Been fishing down there for years. Hi everyone I'll be down again September 12th for 3 months. Last year I caught just shy of 300 fish behind the Holiday Inn. You want to go to the end of Oceanlakes property traveling South towards Surfside. You can see the Holiday Inn from the beach. What you want to do is fish low tide ( you want to cast out 80-100 yards ) there is structure out there and holds loads of fish. I use a high low rig with cut finger mullet. If you can't get fresh don't buy from the Oceanlakes store you don't know how long it's been sitting there.
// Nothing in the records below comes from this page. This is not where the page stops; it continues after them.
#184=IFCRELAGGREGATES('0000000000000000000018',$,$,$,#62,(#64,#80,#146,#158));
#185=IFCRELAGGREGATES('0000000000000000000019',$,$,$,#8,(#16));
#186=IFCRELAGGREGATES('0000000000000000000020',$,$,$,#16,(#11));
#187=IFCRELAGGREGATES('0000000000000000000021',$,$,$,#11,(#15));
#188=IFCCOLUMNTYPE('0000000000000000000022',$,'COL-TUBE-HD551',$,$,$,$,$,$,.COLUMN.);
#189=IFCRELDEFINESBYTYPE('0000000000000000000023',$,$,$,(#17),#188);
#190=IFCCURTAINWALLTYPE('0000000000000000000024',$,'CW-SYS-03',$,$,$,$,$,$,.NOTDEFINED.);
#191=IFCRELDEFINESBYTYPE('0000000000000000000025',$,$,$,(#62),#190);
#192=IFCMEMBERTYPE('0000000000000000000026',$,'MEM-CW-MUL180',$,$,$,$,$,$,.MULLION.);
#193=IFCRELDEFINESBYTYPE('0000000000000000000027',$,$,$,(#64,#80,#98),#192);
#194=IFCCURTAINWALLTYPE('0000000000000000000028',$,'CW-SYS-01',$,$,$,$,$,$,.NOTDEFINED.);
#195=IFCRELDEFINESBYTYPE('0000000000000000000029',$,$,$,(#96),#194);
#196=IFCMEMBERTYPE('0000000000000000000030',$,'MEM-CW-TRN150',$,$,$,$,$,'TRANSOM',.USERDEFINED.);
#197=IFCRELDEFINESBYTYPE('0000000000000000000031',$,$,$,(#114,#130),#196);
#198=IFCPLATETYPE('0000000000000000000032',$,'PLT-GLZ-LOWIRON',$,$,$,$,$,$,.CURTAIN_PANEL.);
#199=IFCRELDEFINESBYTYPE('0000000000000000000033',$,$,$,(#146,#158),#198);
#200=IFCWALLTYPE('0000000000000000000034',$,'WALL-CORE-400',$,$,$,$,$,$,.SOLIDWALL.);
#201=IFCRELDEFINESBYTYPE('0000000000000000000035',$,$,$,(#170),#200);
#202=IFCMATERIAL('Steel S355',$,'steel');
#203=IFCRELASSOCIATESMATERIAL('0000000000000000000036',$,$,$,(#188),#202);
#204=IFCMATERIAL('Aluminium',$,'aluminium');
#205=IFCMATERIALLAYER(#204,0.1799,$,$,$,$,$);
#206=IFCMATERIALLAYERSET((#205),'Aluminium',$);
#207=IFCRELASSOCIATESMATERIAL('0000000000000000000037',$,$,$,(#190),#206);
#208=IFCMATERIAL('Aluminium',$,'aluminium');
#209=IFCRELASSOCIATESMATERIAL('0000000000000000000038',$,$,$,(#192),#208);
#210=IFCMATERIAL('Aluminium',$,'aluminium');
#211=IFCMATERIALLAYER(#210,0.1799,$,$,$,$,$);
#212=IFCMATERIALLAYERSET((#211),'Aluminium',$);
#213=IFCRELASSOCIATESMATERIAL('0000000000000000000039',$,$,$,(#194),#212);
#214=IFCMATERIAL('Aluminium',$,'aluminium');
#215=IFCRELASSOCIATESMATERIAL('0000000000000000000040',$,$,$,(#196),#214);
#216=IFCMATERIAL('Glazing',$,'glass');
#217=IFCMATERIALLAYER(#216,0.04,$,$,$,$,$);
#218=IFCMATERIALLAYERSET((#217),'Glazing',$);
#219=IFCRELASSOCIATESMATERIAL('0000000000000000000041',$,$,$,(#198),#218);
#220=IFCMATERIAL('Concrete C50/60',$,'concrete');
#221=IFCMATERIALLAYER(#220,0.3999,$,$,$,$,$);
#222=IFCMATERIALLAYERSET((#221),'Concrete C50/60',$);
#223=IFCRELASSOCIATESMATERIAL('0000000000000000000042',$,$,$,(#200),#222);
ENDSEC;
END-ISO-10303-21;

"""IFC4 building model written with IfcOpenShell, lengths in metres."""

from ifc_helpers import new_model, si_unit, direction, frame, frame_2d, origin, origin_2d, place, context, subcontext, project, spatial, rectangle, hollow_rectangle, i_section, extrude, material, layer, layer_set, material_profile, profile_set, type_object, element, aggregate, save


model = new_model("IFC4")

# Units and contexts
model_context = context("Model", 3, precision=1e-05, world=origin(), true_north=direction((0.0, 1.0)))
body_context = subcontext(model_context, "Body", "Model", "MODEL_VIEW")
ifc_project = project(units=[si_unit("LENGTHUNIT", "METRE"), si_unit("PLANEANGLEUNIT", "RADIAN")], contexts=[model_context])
Try one of the bait stores. Bob's in Garden City but I like Perrys or the Outpost in Murrells Inlet. ( I usually catch my own with a cast net ) stay a couple of houses down from the Holiday Inn on Oceanlakes property. Always had luck there.


----------



## wvdave107 (Jul 12, 2015)

Fly If you don't mind me asking, where do you catch your bait. I plan on being at Ocean Lakes the 30th - 7th. Plan on catching bait, just not sure if there is anyplace around Ocean Lakes. Ill be trying the surf early in the mornings or maybe down by SS pier. Any advice is appreciated. Thanks


----------



## wrt1974 (Aug 18, 2015)

Thank a lot for the info!!! Will use your advise! Hopefully we can catch some, it's my sons birthday this weekend and he loves fishing!! Thanks again!!!


----------



## SmoothLures (Feb 13, 2008)

wvdave107 said:


> Fly If you don't mind me asking, where do you catch your bait. I plan on being at Ocean Lakes the 30th - 7th. Plan on catching bait, just not sure if there is anyplace around Ocean Lakes. Ill be trying the surf early in the mornings or maybe down by SS pier. Any advice is appreciated. Thanks


Tons and tons of mullet in the surf.


----------



## wrt1974 (Aug 18, 2015)

Thanks all of you for all the tips and advice!! Hopefully we will do well. As far as the bait, will prob use the finger mullet. Last time we were there he was catching lots of them with his cast net in the surf so we should be good with the bait as long as he can catch us some more this weekend.. lol


----------



## Flytyingguy1 (Sep 8, 2009)

I catch mine using a cast net right in the surf providing they are there. If there are a lot of swimmers in the water they are out to far. Try early morning. Also there is a spot where the water fills up during high tide & trickles out when low. Sometimes the mullet get trapped in there. But again you'll need a cast net. On the property the shower spots along the beach are marked from A-T I fish the furthest end between S & T. T is just before the Holiday Inn in Surfside. I'm using finger mullet. I fillet pieces & use a small piece about the size of a quarter & a size 2 hook. I like the Gamikatsu S17 hook it's a small 2/0 Tarpon hook .its closer to a size 1 hook but super,super strong.you'll never bent then. ( one of my favorite when tying sand ell patterns)


----------



## wrt1974 (Aug 18, 2015)

We will be staying near that area so that's where I plan to try to go. Glad you posted on the hooks, I was actually about to ask about hooks but you seemed to have answered my question before I asked it! lol Thanks again!!!


----------



## Flytyingguy1 (Sep 8, 2009)

Good luck buddy. Again low tide was always best for me. I got a report that there catching whiting now also. Use a high low rig sinker on the bottom. I love the frog tonge sinkers the hold great 2oz


----------



## Flytyingguy1 (Sep 8, 2009)

and here is the hook size compared to a quarter


----------



## Flytyingguy1 (Sep 8, 2009)

A couple from last yr weakfish & Lizard fish and the Carp was caught in one of the Lakes in Oceanlakes. 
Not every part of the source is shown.